The interleukin 6 receptor is a direct transcriptional target of E2F3 in prostate tumor derived cells

Stephen J. Libertini, Honglin Chen, Bushra Al-Bataina, Tilak Koilvaram, Michael George, Allen C Gao, Maria Mudryj

Research output: Contribution to journalArticle

9 Citations (Scopus)

Abstract

BACKGROUND The E2F/RB pathway is frequently disrupted in multiple human cancers. E2F3 levels are elevated in prostate tumors and E2F3 overexpression independently predicts clinical outcome. The goals of this study were to identify direct transcriptional targets of E2F3 in prostate tumor derived cells. METHODS Expression array studies identified the interleukin 6 receptor (IL-6R) as an E2F3 target. E2F3-dependent expression of IL-6R was analyzed by real time PCR and Western immunoblot analysis in several cell lines.

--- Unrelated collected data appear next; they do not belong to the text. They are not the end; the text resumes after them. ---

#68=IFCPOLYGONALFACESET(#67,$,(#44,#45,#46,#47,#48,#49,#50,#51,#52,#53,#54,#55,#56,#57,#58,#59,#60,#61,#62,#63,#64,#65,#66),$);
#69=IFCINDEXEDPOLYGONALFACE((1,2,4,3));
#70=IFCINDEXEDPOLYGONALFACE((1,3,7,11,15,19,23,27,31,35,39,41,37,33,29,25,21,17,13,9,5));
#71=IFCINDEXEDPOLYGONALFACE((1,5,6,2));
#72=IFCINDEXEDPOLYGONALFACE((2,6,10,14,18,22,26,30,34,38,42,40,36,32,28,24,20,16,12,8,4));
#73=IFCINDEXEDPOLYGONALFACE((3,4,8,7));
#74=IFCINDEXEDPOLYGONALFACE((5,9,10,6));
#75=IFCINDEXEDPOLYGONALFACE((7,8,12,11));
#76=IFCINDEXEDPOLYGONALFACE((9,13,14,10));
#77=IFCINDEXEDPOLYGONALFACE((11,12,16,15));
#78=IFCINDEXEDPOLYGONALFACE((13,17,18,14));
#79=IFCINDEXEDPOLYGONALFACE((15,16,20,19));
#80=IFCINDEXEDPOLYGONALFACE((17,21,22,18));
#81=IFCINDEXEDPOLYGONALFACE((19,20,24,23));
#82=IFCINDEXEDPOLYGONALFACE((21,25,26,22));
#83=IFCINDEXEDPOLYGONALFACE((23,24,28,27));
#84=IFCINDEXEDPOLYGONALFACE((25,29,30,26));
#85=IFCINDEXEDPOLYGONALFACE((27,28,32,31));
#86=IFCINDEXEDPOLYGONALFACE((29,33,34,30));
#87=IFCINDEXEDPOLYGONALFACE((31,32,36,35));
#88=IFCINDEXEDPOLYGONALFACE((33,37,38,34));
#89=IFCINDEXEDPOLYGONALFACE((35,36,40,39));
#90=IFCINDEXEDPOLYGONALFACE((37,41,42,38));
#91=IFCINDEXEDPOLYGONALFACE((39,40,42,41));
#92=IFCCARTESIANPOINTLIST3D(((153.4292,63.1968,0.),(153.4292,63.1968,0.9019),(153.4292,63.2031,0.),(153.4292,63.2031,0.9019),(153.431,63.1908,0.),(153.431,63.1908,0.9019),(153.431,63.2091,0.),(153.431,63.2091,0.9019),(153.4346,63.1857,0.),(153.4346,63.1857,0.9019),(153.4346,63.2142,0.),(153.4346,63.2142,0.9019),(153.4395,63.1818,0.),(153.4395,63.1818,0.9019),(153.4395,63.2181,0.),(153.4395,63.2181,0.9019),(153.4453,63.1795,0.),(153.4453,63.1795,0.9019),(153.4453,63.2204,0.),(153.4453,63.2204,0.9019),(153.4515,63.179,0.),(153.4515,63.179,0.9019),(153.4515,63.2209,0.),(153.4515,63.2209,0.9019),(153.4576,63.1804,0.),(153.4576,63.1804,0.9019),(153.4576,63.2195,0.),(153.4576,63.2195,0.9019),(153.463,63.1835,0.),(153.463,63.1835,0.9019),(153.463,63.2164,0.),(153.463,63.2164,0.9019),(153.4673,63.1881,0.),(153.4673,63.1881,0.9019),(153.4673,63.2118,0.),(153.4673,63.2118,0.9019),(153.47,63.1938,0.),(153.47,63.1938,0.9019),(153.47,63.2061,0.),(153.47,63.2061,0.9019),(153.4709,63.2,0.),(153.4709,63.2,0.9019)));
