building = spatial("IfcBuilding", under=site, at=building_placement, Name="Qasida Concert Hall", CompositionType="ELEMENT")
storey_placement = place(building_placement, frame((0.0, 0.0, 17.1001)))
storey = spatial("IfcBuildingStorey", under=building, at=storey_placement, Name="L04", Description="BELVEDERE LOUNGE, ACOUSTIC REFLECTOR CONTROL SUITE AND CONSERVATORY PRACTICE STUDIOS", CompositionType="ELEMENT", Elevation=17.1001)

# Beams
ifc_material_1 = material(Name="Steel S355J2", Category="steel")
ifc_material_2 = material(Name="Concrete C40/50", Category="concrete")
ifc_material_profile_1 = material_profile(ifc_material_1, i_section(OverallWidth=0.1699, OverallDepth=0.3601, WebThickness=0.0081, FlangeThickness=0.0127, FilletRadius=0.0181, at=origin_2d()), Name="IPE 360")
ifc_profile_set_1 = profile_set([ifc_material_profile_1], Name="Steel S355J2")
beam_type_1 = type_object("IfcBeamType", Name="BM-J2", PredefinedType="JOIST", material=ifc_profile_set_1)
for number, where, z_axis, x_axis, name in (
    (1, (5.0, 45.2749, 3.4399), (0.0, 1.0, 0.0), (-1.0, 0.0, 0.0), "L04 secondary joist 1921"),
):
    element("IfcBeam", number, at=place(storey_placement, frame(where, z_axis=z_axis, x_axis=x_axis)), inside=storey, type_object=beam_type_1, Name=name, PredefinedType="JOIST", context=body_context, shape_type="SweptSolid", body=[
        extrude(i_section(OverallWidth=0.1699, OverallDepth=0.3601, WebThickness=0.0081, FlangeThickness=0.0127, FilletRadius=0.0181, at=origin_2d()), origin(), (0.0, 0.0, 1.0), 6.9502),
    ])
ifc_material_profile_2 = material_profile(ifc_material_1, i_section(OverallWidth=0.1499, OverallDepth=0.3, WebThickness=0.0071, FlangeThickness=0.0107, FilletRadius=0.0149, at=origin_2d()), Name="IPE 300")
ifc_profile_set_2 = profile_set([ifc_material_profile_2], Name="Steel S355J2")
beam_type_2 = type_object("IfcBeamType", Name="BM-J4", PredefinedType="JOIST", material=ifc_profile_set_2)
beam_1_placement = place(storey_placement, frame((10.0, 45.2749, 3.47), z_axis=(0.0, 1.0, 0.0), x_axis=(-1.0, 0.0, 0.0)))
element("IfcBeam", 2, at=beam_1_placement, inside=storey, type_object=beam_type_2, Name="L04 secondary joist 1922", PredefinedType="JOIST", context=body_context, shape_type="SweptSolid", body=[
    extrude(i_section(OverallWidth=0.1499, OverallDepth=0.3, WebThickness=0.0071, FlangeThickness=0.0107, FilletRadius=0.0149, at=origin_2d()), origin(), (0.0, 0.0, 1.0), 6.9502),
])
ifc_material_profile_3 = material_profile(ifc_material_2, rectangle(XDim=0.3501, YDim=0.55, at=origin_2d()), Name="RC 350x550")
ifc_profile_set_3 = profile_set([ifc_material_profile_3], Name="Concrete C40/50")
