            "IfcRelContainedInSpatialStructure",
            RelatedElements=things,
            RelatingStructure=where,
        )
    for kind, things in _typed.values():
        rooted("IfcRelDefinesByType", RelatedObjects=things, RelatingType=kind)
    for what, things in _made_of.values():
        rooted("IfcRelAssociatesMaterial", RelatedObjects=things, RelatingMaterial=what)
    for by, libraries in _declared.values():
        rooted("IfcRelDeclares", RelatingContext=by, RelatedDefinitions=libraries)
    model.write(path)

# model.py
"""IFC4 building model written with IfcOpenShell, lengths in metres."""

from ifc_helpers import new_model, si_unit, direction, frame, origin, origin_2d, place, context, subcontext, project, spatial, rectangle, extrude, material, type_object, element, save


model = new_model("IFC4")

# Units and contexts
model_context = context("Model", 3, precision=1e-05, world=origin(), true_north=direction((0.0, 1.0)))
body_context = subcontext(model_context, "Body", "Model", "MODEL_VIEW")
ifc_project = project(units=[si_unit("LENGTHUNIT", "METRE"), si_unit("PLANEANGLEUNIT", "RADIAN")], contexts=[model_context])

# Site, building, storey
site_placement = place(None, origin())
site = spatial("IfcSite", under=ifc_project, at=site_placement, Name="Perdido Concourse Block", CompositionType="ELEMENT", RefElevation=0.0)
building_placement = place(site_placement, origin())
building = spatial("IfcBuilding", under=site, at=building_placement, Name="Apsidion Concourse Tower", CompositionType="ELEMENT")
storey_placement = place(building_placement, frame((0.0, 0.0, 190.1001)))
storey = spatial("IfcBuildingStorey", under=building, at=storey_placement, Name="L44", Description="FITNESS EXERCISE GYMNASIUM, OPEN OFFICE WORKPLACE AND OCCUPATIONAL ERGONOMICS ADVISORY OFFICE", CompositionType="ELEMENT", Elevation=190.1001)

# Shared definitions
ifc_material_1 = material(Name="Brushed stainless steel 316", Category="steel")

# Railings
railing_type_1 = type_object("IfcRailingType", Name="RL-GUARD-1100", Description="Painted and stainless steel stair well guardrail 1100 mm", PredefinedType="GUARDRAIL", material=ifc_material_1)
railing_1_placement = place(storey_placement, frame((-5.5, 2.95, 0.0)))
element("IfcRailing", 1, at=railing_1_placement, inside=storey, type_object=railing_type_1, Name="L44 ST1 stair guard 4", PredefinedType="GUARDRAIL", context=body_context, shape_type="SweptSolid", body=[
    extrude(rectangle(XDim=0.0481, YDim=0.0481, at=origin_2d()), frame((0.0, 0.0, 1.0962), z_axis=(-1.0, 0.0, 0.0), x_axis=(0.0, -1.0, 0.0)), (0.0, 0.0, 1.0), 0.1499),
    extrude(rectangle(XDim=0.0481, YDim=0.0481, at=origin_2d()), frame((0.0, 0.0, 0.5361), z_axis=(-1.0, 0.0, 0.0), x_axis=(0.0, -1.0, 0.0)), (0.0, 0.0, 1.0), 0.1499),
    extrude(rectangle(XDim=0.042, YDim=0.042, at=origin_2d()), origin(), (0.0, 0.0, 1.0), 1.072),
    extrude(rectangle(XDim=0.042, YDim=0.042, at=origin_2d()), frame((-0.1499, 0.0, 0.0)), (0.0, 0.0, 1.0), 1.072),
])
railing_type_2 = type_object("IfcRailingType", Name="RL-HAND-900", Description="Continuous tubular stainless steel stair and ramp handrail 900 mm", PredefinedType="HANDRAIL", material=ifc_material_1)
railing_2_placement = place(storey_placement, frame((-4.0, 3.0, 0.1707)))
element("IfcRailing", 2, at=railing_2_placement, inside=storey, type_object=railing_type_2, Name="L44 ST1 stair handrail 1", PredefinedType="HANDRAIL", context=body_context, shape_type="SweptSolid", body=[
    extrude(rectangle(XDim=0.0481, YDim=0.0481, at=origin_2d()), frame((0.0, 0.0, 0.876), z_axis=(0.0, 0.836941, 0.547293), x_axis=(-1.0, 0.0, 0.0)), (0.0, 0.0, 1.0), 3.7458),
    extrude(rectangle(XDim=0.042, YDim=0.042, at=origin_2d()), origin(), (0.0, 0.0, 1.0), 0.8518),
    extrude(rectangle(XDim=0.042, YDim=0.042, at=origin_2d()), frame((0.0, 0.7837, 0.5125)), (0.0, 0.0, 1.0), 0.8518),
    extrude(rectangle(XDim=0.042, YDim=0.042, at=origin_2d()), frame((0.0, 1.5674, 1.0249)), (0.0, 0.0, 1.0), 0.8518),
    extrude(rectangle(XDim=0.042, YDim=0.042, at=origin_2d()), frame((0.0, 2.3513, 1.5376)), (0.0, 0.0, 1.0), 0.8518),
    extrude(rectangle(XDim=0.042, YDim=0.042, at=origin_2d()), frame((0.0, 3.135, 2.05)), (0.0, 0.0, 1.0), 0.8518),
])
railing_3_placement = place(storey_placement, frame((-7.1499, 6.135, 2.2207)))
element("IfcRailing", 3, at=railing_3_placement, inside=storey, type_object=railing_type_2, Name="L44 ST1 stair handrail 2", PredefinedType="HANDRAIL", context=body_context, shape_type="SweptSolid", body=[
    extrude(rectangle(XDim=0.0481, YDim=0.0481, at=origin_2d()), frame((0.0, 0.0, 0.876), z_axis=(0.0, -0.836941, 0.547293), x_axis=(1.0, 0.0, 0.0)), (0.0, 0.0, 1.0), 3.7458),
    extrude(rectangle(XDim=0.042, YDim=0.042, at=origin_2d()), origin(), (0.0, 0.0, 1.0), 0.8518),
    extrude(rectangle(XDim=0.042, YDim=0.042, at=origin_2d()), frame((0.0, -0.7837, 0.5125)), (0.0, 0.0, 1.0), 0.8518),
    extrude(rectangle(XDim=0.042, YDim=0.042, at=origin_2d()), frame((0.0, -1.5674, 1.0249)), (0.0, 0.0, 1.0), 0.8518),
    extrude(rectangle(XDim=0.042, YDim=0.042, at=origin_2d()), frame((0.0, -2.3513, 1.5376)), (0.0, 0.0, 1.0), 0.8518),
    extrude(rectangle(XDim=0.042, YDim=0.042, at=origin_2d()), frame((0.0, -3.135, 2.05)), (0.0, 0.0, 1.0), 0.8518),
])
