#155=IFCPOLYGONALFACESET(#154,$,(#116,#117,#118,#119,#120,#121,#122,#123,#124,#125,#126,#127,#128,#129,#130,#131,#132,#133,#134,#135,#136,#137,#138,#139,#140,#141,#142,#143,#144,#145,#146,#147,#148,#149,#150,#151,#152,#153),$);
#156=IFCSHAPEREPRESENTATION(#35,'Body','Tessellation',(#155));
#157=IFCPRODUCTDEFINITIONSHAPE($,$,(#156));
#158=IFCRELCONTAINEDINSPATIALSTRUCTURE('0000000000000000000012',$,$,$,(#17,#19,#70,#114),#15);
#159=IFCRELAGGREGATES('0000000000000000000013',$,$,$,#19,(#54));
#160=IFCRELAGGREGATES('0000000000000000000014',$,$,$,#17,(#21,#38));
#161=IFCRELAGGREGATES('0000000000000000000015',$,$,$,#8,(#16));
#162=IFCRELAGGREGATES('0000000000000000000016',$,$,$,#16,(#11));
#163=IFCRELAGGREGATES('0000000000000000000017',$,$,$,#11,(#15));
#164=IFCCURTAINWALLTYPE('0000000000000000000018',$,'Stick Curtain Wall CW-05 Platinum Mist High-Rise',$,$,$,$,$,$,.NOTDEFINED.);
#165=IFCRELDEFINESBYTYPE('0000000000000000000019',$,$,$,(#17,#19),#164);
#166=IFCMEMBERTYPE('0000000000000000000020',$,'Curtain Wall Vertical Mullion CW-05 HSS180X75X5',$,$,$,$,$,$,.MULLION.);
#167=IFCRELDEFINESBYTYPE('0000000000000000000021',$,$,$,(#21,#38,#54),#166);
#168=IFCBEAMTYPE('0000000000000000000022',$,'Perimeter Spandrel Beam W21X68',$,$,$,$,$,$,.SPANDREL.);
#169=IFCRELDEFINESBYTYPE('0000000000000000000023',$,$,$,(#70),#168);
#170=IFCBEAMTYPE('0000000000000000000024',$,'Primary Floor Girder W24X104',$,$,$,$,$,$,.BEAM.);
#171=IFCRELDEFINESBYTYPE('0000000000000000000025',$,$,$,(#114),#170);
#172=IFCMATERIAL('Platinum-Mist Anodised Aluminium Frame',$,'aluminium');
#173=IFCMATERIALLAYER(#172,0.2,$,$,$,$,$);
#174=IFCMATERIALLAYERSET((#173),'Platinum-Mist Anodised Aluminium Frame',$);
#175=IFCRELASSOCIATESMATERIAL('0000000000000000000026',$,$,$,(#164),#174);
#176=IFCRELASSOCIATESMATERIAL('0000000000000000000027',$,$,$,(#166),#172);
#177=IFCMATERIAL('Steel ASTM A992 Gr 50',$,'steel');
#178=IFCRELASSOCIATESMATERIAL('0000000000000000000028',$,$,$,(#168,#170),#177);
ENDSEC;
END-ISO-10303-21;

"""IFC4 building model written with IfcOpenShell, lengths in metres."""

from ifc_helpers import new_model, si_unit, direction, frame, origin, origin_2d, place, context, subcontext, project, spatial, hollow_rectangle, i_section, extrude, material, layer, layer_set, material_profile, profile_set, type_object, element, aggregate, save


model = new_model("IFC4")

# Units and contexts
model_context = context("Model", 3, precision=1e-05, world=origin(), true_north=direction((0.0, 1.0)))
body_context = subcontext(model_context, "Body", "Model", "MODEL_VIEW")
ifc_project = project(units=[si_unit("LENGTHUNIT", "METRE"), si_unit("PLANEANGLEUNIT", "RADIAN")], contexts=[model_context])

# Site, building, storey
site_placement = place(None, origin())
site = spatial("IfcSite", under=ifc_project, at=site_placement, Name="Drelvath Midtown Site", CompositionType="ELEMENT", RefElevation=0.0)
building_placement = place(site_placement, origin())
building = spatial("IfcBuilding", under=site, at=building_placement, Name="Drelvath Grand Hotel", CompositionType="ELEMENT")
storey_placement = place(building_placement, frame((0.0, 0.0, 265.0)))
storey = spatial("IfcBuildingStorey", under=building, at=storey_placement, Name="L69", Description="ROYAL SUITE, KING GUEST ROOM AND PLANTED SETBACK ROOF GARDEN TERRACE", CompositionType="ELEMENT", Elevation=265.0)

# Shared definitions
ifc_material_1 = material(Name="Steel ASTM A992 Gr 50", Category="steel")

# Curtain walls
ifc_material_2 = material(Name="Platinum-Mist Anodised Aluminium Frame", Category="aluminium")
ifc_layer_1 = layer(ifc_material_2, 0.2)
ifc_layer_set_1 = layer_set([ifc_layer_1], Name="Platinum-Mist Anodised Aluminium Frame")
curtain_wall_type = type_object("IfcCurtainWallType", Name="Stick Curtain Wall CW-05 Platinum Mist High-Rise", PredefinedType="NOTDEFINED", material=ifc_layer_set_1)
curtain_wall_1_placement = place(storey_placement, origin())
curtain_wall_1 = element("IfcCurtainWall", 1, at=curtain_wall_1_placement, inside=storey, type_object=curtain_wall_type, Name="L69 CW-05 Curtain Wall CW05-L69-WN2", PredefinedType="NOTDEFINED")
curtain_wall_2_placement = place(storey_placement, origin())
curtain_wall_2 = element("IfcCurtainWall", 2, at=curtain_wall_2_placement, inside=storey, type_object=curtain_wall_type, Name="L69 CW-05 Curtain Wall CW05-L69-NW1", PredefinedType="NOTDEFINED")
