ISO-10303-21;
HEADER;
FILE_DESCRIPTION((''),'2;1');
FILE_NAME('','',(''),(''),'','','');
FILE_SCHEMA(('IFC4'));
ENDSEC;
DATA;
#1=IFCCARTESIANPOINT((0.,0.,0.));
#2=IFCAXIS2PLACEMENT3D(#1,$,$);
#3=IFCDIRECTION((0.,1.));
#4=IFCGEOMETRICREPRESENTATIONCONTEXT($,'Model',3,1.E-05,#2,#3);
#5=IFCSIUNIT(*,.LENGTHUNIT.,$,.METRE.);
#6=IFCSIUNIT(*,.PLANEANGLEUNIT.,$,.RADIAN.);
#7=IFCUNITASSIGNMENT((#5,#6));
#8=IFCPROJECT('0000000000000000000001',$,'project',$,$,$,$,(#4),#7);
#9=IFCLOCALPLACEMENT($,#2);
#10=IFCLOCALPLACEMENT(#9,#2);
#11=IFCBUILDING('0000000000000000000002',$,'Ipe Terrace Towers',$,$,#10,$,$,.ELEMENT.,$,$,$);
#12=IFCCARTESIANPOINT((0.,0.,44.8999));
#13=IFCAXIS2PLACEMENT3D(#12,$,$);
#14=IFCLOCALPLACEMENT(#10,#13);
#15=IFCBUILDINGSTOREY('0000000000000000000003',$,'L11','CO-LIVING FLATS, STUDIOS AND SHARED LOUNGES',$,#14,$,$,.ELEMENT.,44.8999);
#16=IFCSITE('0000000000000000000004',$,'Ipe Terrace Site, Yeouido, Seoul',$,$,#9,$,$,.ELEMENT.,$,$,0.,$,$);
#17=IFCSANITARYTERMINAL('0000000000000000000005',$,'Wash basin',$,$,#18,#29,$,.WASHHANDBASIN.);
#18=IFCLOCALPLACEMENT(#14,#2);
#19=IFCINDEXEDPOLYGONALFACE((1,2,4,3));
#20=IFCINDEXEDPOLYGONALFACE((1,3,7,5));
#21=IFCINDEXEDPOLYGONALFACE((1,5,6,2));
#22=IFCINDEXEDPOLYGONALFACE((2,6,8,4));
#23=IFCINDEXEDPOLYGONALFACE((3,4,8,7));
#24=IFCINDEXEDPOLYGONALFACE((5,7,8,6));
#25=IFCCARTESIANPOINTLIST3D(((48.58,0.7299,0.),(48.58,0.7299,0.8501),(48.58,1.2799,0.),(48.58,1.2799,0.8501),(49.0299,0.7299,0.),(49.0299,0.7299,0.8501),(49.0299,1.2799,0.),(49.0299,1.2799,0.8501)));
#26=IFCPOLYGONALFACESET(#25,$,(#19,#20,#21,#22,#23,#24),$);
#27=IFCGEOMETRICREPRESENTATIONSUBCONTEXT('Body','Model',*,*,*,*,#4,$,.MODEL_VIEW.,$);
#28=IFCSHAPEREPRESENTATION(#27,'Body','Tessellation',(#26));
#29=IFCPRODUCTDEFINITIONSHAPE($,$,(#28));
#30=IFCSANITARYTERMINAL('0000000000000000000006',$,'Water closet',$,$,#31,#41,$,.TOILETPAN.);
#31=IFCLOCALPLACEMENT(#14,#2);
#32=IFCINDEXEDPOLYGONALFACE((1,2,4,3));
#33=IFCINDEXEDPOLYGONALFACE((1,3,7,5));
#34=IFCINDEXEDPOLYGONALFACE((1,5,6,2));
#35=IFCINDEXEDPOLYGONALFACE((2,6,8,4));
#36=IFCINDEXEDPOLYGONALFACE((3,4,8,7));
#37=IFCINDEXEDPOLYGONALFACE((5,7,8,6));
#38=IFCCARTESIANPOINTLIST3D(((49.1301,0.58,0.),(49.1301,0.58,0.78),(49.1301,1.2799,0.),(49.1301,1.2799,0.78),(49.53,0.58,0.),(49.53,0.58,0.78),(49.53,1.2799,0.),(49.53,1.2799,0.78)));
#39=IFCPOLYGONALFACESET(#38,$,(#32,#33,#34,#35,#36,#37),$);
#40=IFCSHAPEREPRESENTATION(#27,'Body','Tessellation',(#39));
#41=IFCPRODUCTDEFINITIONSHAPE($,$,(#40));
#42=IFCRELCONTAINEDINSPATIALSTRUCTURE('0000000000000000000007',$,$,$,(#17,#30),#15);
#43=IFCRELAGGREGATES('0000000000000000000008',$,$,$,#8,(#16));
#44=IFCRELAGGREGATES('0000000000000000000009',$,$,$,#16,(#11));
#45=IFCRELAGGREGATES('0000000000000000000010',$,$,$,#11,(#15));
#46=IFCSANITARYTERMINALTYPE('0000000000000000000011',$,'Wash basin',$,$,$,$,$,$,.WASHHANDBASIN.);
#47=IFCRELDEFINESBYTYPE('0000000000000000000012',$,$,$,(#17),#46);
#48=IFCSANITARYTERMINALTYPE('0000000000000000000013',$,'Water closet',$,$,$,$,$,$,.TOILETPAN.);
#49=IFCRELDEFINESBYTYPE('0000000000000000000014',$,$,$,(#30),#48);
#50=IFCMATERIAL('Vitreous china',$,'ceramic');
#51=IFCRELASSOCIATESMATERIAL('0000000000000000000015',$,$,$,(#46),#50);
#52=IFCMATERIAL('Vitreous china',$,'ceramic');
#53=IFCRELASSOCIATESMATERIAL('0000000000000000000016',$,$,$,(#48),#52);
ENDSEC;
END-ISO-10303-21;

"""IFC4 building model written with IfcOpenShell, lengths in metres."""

from ifc_helpers import new_model, si_unit, direction, frame, origin, origin_2d, place, context, subcontext, project, spatial, rectangle, extrude, material, type_object, element, save


model = new_model("IFC4")

# Units and contexts
model_context = context("Model", 3, precision=1e-05, world=origin(), true_north=direction((0.0, 1.0)))
body_context = subcontext(model_context, "Body", "Model", "MODEL_VIEW")
ifc_project = project(units=[si_unit("LENGTHUNIT", "METRE"), si_unit("PLANEANGLEUNIT", "RADIAN")], contexts=[model_context])

# Site, building, storey
site_placement = place(None, origin())
site = spatial("IfcSite", under=ifc_project, at=site_placement, Name="Ipe Terrace Site, Yeouido, Seoul", CompositionType="ELEMENT", RefElevation=0.0)
building_placement = place(site_placement, origin())
building = spatial("IfcBuilding", under=site, at=building_placement, Name="Ipe Terrace Towers", CompositionType="ELEMENT")
storey_placement = place(building_placement, frame((0.0, 0.0, 44.8999)))
storey = spatial("IfcBuildingStorey", under=building, at=storey_placement, Name="L11", Description="CO-LIVING FLATS, STUDIOS AND SHARED LOUNGES", CompositionType="ELEMENT", Elevation=44.8999)

# Sanitary terminals
ifc_material_1 = material(Name="Vitreous china", Category="ceramic")
sanitary_terminal_type_1 = type_object("IfcSanitaryTerminalType", Name="Wash basin", PredefinedType="WASHHANDBASIN", material=ifc_material_1)
sanitary_terminal_1_placement = place(storey_placement, frame((48.8049, 1.0049, 0.0), z_axis=(0.0, 0.0, 1.0), x_axis=(0.0, -1.0, 0.0)))
element("IfcSanitaryTerminal", 1, at=sanitary_terminal_1_placement, inside=storey, type_object=sanitary_terminal_type_1, Name="Wash basin", PredefinedType="WASHHANDBASIN", context=body_context, shape_type="SweptSolid", body=[
    extrude(rectangle(XDim=0.55, YDim=0.45, at=origin_2d()), origin(), (0.0, 0.0, 1.0), 0.8501),
])
ifc_material_2 = material(Name="Vitreous china", Category="ceramic")
sanitary_terminal_type_2 = type_object("IfcSanitaryTerminalType", Name="Water closet", PredefinedType="TOILETPAN", material=ifc_material_2)
sanitary_terminal_2_placement = place(storey_placement, frame((49.3301, 0.9299, 0.0), z_axis=(0.0, 0.0, 1.0), x_axis=(0.0, -1.0, 0.0)))
element("IfcSanitaryTerminal", 2, at=sanitary_terminal_2_placement, inside=storey, type_object=sanitary_terminal_type_2, Name="Water closet", PredefinedType="TOILETPAN", context=body_context, shape_type="SweptSolid", body=[
    extrude(rectangle(XDim=0.7, YDim=0.3999, at=origin_2d()), origin(), (0.0, 0.0, 1.0), 0.78),
])

save(model, "model.ifc")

Chromatin immunoprecipitation (ChIP) and IL-6R-luciferase reporter plasmid studies were used to characterize the IL-6R promoter. RESULTS Expression array studies identified genes that were regulated by E2F3 in prostate tumor derived cell lines. The network most significantly associated with E2F3-regulated transcripts was cytokine signaling and the IL-6R was a component of several of the most prominent E2F3-regulated pathways. The transcriptional regulation of IL-6R by E2F3 knockdown was validated in several prostate tumor-derived cell lines at the RNA level and protein level. The IL-6R regulatory region containing ChIP-identified E2F3 binding sites was cloned into a reporter and co-transfected with an E2F3a expression plasmid. The luciferase assay showed that E2F3a transactivated the IL-6R promoter in a dose dependent manner. The functional consequence of IL-6R decrease was a reduction in the levels of ERK1/2 phosphorylation, indicating that IL-6R initiated signaling was altered. CONCLUSION These studies connect the E2F and IL-6 signaling cascade, thus providing the mechanistic link between two major regulatory networks that are perturbed during prostate tumorigenesis.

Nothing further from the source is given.